Speaker William Hay is to return to the Assembly in the near future - for the purposes of standing down.

And ironically, if the much-respected Hay wasn't laid up with illness, he would already have told us he is going.

Now destined for a seat in the House of Lords, the DUP's Mr Hay had been due to announce his departure on the weekend he suffered a heart complaint.

And so Sinn Fein's Mitchel McLaughlin, who now has full authority of Speaker in Mr Hay's absence, would have already been officially in position.

In fact, as On the Hill revealed, Mr Hay should have given way just before the summer recess but the succession became caught up in the war of attrition between the two parties.

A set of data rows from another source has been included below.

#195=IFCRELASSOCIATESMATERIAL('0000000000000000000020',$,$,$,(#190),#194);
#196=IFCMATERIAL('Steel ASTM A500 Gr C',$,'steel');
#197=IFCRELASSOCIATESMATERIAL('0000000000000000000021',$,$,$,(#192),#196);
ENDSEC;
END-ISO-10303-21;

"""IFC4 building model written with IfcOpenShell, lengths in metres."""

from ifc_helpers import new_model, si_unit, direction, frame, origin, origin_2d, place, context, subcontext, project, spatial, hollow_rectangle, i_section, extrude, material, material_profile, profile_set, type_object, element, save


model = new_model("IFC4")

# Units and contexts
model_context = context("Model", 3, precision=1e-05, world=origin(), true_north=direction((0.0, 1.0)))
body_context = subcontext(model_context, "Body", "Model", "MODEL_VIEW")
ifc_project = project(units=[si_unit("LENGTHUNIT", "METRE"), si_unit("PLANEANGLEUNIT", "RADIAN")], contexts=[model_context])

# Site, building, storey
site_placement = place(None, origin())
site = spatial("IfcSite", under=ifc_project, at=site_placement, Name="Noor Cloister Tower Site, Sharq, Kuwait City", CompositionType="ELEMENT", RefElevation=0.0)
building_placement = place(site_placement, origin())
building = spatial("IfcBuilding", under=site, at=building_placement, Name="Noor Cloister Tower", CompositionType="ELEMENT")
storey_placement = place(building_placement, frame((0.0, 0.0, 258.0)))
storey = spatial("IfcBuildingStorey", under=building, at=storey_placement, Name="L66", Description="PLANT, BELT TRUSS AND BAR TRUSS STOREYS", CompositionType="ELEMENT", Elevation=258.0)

It all comes down to standing orders which, sources say, have still not been agreed although the DUP leadership has signalled their expectation that Mr McLaughlin will indeed come into his own.

Meanwhile the parties have already been displaying their intentions to road test the new Speaker.

First Minister Peter Robinson pointed out the authority of the chair was being called into question when Alliance's Kieran McCarthy said on Monday that public disillusionment with Stormont was being fuelled by the misuse of 'petitions of concern'.

"If anybody is misusing the procedures of the House, it is the job of the Chair to call them to order," Mr Robinson advised the incumbent.

In a letter to Mr McLaughlin last week, Mr Hay conferred the power to "exercise all procedural functions" including decisions on urgent questions in the Assembly and 'matters of the day' which can arise at short notice.

Star MLA: John McCallister, Independent

Unlike most politicians John McCallister doesn't just hug babies, he blames them.

The former Ulster Unionist and former NI21 deputy leader 'named and shamed' his own children when he was late for the Finance Committee meeting, at which the minister Simon Hamilton was appearing.

Which gave now-independent John the chance to say that at least his youngsters aren't as badly behaved as the Executive.